Participants on 10/13/03 Conference Call

• Chas DiFatta - CMU(chair)
• Steven Carmody - Brown
• Renee Frost - Michigan/Internet2
• Scott Cantor - OSU
• Mark Poepping - CMU
• Von Welch - NCSA
• Nate Klingenstein - Internet2(scribe)

Discussion

The scribe apologizes for missing the first thirty minutes of the member meeting session due to scheduling conflicts.

Architectures & Bounds

The first thing the group tried to do was establish bounds on the project by trying to understand what models are in use on campuses so that the diagnostics are well-designed for standard architectures, so setting some scope of what components will need to be measured. More importantly, the group evaluated what would be an appropriate thing to measure. The project aims to eventually create a set of diagnostic tools that can function across realms and administrative domains. This would allow for testing of new inter-domain applications, such as Shibboleth.

Mark is concerned that trying to measure anything in terms of performance details, such as response speed or server load, will immediately open a huge set of ratholes, both in terms of technical difficulties and in terms of other projects trying to do similar things. Performance analysis is a different game; it implies a continuing effort to tune things, which is outside the scope of monitoring and diagnosis.
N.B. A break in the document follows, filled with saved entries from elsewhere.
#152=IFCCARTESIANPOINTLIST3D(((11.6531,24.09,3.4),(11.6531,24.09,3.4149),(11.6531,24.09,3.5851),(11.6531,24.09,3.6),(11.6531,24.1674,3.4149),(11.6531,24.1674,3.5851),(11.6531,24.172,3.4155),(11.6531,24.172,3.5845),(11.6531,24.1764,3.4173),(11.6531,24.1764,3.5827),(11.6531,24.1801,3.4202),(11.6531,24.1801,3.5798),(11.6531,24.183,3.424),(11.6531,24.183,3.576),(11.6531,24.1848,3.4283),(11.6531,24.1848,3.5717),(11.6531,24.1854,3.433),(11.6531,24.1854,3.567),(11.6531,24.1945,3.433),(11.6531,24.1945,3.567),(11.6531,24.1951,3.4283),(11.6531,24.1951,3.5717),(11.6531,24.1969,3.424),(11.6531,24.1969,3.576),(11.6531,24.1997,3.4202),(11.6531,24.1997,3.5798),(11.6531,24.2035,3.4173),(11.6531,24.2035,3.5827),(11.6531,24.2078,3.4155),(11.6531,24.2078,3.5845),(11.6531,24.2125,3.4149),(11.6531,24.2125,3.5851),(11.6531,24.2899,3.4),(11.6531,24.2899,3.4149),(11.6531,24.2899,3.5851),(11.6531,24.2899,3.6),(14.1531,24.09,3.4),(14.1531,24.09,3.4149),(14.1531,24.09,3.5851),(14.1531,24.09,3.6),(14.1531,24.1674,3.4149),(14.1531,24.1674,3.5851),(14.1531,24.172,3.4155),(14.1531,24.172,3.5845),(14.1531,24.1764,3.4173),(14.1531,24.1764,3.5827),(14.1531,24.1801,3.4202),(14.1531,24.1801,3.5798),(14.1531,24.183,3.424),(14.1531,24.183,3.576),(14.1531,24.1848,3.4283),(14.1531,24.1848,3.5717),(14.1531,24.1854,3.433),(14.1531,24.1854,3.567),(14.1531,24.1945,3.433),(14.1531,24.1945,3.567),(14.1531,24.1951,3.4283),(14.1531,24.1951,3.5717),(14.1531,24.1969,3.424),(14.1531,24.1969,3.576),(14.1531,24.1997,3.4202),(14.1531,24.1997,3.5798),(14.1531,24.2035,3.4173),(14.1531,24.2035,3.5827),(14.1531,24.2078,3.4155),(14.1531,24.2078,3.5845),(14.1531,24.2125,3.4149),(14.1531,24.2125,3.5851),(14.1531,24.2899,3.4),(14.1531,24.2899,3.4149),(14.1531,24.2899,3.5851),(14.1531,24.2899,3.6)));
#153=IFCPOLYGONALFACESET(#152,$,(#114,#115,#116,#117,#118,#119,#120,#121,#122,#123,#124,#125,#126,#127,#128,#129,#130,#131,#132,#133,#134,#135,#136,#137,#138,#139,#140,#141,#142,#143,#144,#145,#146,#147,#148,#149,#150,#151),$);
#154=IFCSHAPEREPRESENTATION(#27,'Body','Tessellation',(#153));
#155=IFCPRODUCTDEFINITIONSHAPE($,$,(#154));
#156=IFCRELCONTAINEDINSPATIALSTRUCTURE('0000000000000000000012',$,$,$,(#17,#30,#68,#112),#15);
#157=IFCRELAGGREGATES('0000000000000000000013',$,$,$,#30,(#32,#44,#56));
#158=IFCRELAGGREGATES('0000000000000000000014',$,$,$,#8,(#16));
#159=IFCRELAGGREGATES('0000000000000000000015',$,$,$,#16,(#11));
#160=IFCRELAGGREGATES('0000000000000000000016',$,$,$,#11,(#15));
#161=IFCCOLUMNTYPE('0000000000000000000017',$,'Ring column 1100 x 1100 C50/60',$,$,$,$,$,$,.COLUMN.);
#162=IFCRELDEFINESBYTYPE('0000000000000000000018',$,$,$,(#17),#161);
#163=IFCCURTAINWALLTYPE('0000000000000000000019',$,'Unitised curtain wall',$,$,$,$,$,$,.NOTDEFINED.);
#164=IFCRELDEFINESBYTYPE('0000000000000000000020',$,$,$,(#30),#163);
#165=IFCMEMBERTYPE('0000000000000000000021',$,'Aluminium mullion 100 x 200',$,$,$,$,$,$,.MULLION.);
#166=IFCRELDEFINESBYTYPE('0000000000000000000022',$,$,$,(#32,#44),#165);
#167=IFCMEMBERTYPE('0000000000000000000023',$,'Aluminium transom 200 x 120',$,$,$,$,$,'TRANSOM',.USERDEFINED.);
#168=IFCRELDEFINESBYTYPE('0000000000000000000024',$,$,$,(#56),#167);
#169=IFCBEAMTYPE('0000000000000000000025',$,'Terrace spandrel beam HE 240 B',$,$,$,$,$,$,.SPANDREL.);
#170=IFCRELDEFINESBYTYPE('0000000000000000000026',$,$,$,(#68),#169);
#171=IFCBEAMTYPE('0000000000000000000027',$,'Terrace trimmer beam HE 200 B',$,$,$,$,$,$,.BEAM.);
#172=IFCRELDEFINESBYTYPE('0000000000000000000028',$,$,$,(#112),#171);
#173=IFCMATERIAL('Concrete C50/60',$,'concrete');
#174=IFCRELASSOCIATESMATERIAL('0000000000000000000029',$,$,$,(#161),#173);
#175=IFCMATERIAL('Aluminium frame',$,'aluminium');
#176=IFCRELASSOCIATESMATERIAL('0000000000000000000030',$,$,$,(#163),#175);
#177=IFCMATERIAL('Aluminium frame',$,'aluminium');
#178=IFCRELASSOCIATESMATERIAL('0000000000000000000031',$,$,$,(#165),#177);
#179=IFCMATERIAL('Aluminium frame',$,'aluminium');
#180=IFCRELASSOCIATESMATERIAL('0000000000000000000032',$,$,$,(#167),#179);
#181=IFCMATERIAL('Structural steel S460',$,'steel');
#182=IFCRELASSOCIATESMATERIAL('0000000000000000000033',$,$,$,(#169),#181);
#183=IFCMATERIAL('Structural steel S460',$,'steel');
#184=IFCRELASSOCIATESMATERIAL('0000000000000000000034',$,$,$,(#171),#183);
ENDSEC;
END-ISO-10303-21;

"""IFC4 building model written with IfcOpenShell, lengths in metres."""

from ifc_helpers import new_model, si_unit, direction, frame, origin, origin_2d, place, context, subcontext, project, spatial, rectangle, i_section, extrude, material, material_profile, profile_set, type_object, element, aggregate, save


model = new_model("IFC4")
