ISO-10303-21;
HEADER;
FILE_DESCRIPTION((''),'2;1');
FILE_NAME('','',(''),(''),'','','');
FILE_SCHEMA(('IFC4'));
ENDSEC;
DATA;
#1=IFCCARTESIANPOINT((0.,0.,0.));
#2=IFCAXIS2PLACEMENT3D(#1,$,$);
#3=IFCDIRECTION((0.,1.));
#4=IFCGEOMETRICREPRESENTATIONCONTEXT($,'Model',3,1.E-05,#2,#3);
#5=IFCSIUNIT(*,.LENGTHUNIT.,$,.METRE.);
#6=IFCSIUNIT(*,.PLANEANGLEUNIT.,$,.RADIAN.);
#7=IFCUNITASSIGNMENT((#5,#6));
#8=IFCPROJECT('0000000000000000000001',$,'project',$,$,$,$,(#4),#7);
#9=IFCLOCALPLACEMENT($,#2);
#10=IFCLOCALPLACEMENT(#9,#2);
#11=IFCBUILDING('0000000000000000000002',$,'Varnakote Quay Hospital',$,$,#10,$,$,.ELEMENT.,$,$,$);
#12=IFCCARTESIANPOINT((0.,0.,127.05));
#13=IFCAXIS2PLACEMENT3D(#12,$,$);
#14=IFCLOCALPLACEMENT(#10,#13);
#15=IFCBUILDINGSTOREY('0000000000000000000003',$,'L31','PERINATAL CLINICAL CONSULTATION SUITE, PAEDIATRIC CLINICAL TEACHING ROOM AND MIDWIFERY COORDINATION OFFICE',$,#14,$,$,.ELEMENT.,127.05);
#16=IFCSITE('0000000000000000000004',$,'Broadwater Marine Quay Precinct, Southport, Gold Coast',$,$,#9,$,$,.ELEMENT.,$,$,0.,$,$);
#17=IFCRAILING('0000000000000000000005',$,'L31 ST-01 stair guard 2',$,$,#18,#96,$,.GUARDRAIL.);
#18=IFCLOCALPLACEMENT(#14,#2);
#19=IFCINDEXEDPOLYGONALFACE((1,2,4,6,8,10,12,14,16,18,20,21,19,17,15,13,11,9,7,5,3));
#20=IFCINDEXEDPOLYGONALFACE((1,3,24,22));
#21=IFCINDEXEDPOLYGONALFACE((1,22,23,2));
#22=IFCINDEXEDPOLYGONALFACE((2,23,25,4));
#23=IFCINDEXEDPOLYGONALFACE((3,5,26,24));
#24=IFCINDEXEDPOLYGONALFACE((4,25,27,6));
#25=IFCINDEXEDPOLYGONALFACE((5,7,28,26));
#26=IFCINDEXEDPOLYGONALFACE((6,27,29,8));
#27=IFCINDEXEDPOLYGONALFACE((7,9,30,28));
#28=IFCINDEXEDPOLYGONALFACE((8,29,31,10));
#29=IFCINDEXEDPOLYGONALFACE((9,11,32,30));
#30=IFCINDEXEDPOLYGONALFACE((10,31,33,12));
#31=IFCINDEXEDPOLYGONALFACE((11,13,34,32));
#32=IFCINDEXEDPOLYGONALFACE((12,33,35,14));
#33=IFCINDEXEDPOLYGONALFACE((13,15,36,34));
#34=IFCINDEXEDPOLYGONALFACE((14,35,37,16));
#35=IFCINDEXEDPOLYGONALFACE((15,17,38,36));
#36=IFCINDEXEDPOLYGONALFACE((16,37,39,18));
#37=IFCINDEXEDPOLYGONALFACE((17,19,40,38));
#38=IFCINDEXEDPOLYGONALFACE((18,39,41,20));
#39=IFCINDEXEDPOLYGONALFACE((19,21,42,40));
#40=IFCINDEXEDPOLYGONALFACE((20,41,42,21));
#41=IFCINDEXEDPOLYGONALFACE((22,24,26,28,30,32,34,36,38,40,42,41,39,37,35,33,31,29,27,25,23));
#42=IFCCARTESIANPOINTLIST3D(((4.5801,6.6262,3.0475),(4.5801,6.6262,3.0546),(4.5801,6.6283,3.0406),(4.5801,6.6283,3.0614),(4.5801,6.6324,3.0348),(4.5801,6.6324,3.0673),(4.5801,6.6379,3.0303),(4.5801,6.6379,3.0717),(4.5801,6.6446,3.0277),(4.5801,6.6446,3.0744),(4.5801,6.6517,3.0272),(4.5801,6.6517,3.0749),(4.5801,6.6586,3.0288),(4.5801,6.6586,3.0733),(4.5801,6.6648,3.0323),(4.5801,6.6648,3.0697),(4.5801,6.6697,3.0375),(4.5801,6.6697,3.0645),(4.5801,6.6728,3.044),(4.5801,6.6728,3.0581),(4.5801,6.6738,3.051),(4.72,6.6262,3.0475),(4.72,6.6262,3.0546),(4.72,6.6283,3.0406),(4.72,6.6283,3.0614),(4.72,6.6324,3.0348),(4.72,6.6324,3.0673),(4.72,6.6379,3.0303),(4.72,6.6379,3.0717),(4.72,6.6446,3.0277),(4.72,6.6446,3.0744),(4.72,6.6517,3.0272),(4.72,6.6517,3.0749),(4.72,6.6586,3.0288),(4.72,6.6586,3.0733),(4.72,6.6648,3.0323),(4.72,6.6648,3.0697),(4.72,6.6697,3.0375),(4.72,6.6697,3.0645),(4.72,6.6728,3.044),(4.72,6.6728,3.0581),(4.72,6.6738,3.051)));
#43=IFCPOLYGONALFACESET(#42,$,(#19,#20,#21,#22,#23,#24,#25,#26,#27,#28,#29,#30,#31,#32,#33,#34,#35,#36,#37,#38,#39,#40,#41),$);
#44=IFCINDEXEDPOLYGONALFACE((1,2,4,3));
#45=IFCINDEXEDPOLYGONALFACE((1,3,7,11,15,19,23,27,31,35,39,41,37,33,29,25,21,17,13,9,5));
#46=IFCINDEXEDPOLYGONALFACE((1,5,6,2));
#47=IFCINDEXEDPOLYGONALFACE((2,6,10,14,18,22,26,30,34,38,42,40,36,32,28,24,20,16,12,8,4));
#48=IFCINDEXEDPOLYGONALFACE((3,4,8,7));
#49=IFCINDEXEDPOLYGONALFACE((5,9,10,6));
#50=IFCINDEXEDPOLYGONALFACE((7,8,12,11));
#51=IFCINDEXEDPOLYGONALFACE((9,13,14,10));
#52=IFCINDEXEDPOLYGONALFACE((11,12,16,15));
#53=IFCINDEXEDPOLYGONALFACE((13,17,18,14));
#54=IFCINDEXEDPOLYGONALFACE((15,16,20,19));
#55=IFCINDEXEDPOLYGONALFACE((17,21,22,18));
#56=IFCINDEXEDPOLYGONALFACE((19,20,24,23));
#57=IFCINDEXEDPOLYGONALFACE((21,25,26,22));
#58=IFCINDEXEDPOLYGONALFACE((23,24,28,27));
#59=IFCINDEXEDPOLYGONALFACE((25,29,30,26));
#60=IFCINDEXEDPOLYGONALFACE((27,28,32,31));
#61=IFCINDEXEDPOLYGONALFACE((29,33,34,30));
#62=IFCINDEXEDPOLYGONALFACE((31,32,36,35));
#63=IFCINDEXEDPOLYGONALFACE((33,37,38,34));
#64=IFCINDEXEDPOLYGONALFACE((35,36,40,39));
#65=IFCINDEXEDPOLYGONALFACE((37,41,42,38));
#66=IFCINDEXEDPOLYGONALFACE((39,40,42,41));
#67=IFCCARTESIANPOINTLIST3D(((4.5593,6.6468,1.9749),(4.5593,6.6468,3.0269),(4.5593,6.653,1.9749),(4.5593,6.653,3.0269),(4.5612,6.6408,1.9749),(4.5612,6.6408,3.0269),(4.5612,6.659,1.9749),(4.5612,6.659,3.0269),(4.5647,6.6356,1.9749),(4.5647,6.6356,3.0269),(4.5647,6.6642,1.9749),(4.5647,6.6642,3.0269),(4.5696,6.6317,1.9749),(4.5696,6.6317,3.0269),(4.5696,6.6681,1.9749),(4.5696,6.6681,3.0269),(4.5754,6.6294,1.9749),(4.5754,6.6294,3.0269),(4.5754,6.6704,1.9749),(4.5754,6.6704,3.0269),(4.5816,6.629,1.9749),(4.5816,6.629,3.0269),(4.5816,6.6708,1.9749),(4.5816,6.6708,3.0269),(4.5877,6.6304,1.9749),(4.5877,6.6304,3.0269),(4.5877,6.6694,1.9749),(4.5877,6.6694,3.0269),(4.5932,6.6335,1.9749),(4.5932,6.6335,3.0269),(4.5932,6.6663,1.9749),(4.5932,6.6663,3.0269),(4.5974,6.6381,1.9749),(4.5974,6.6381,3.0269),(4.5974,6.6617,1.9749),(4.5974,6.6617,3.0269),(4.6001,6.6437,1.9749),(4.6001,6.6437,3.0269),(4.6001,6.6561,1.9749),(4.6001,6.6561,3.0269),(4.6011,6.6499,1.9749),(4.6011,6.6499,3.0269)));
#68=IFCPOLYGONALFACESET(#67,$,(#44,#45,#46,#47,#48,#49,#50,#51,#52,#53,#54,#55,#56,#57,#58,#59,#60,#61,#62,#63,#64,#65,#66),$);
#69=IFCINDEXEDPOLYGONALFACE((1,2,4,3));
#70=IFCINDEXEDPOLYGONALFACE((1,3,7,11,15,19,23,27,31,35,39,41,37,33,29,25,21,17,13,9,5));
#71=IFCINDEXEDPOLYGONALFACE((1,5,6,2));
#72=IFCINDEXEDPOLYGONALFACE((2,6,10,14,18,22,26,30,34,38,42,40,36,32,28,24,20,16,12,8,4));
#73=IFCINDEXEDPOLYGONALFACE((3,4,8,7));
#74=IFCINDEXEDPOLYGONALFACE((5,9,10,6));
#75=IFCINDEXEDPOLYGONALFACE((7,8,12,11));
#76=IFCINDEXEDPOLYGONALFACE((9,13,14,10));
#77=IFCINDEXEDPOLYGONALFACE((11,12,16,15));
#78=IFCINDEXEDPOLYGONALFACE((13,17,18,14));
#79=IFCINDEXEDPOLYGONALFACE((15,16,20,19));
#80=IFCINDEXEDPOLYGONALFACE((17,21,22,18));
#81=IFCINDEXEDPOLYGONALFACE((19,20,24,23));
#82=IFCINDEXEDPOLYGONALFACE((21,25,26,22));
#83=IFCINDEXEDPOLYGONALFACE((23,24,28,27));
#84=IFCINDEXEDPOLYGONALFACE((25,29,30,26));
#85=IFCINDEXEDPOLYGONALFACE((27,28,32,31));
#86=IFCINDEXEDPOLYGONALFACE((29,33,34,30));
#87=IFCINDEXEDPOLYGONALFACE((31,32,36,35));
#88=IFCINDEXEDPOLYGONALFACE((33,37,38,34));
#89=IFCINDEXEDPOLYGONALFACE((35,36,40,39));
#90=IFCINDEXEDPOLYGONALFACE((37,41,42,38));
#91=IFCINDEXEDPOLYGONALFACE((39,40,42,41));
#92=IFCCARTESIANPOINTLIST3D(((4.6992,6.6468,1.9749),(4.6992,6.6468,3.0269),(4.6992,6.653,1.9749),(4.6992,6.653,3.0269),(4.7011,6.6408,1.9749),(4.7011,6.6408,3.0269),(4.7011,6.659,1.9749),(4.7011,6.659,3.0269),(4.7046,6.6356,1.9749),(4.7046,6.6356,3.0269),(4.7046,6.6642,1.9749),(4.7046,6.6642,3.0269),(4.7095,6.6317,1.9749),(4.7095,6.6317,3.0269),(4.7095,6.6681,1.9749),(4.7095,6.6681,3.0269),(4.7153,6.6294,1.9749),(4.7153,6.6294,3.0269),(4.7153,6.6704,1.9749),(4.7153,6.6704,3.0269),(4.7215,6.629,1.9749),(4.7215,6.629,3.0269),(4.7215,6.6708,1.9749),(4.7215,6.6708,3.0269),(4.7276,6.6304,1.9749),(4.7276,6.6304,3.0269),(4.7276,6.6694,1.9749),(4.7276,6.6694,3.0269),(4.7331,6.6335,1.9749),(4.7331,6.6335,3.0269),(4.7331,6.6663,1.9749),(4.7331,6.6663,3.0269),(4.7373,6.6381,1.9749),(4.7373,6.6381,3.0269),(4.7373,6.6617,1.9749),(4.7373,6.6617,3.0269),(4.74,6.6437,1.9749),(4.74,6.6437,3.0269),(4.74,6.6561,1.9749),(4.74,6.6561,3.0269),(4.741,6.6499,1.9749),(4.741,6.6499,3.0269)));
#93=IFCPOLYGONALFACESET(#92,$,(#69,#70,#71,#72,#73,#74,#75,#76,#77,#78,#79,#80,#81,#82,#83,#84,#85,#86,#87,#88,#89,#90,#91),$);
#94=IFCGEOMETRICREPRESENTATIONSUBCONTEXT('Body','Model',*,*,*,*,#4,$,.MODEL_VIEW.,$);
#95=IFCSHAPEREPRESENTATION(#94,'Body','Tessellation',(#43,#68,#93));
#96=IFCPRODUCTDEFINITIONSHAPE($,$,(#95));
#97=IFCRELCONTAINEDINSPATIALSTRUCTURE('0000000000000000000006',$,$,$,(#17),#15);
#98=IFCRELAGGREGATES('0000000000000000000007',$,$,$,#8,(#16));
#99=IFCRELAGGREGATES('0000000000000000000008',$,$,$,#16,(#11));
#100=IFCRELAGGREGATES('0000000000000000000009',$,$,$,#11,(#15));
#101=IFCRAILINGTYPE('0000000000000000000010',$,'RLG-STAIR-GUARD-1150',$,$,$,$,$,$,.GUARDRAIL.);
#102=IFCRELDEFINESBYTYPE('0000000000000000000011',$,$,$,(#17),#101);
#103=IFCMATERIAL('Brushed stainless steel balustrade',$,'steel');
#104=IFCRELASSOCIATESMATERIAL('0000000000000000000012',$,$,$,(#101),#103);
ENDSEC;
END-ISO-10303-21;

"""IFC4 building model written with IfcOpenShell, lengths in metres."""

from ifc_helpers import new_model, si_unit, direction, frame, origin, origin_2d, place, context, subcontext, project, spatial, circle, extrude, material, type_object, element, save


model = new_model("IFC4")

# Units and contexts
model_context = context("Model", 3, precision=1e-05, world=origin(), true_north=direction((0.0, 1.0)))
body_context = subcontext(model_context, "Body", "Model", "MODEL_VIEW")
ifc_project = project(units=[si_unit("LENGTHUNIT", "METRE"), si_unit("PLANEANGLEUNIT", "RADIAN")], contexts=[model_context])

# Site, building, storey
site_placement = place(None, origin())
site = spatial("IfcSite", under=ifc_project, at=site_placement, Name="Broadwater Marine Quay Precinct, Southport, Gold Coast", CompositionType="ELEMENT", RefElevation=0.0)
building_placement = place(site_placement, origin())
building = spatial("IfcBuilding", under=site, at=building_placement, Name="Varnakote Quay Hospital", CompositionType="ELEMENT")
storey_placement = place(building_placement, frame((0.0, 0.0, 127.05)))
storey = spatial("IfcBuildingStorey", under=building, at=storey_placement, Name="L31", Description="PERINATAL CLINICAL CONSULTATION SUITE, PAEDIATRIC CLINICAL TEACHING ROOM AND MIDWIFERY COORDINATION OFFICE", CompositionType="ELEMENT", Elevation=127.05)

# Railing
ifc_material_1 = material(Name="Brushed stainless steel balustrade", Category="steel")
railing_type_1 = type_object("IfcRailingType", Name="RLG-STAIR-GUARD-1150", PredefinedType="GUARDRAIL", material=ifc_material_1)
railing_1_placement = place(storey_placement, frame((4.5801, 6.6499, 1.9749)))
element("IfcRailing", 1, at=railing_1_placement, inside=storey, type_object=railing_type_1, Name="L31 ST-01 stair guard 2", PredefinedType="GUARDRAIL", context=body_context, shape_type="SweptSolid", body=[
    extrude(circle(Radius=0.0239, at=origin_2d()), frame((0.0, 0.0, 1.0762), z_axis=(1.0, 0.0, 0.0), x_axis=(0.0, 1.0, 0.0)), (0.0, 0.0, 1.0), 0.1399),
    extrude(circle(Radius=0.021, at=origin_2d()), origin(), (0.0, 0.0, 1.0), 1.052),
    extrude(circle(Radius=0.021, at=origin_2d()), frame((0.1399, 0.0, 0.0)), (0.0, 0.0, 1.0), 1.052),
])

save(model, "model.ifc")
Steven shared the same concerns, preferring to build a set of baselines "and a crude alarm system." Dealing with anomalies is a more critical and applicable goal in the short-term. The group warned that the term "performance" is overly broad and can be misinterpreted, and Chas offered to refine the charter and other documents based on this.

Michael Gettes of Duke at the member meeting asked which campus components would be monitored, suggesting he'd like information for individual applications, how DNS is integrated, the network itself, and several other pieces of information. In response, Russ Hobby and Matt Zekauskas of Internet2 will be joining these calls as representatives of a similar measurement effort in the Internet2 End-to-End initiative.

Federated Diagnostics

A project facilitated by Internet2 which is now on indefinite hold is the DoDHE, or Directory of Directories for Higher Education. This project aimed to build a centralized repository for LDAP queries about individuals at institutions leveraging data that was already public and widely available. This data could be centrally stored or pulled dynamically in a distributed fashion. However, extreme hurdles were faced when trying to get institutions involved as people asked how public this information really should be.

There may be lessons to learn here when it comes to the storage and accessibility of log files, which may sometimes contain sensitive information. It's possible to sanitize these files, query them dynamically with access controls, or use various other techniques to protect data, but this will be a fundamental hurdle the project will face as it moves forward into the federated world.

An approach that Chas suggested to this during the member meeting was to have events and data move along different streams of logging, allowing one set of information to be used for generally accessible event information and federated diagnostics, possibly stored centrally or included as part of a web of diagnostic information, while another more detailed set were used for internal diagnostic work. The storage of log files in a centralized or distributed fashion is one of the central questions to this project given that there will be distributed systems and applications to query even in an intra-realm scenario.

This drew some comments from the crowd about the need for separate streams of information, but by response, this is partially necessary due to the nature of the data itself; for help-desk purposes and for allowing application users to look more at relevant logs, this distinction seemed useful. While the tools produced don't necessarily have to be used in an inter-realm fashion, this is one of the primary reasons for the work.

Active, Passive & Event-Driven

The biggest discussion at the member meeting was whether the monitoring tools should make use of active, passive, or event-driven techniques, listed here in order of increasing complexity. Active monitoring would initiate its own actions and measure the performance dynamics of the service responding to those actions; passive monitoring would instead look at the logs or other information of these services to watch for errors or similar problems.

An event-driven system would be difficult; saying there's a need for all the information related to an event that happened at some point is difficult, requiring many shims on the backend. Chas said this isn't a "large hammer you need to throw into your infrastructure;" but there needs to be investigation of the back-end threading necessary to determine whether this is a feasible approach or not. Filtering events and tagging them somehow would allow for more sophisticated forensics, reporting, and analysis and potentially better support the needs of multiple applications without presenting an overload of information.

The decisions made here will hinge on central questions about how much information should be logged and whether most errors will be considered reproducible or not: Chas's categorical answer to that question was that the goal is not to gather the absolute largest amount of information possible, but instead to gather specific information that will likely be most relevant to the diagnosis at hand.

Steven cited an anecdote where a Shibboleth site had asked him once, "what went wrong last night between 11:30 PM and 2:00 AM?" That sort of problem can't be feasibly replicated due to the sheer number of variables involved and given the sort of uptime sought by these relatively critical services, that sort of question may be important to be able to answer to diagnose and patch systems.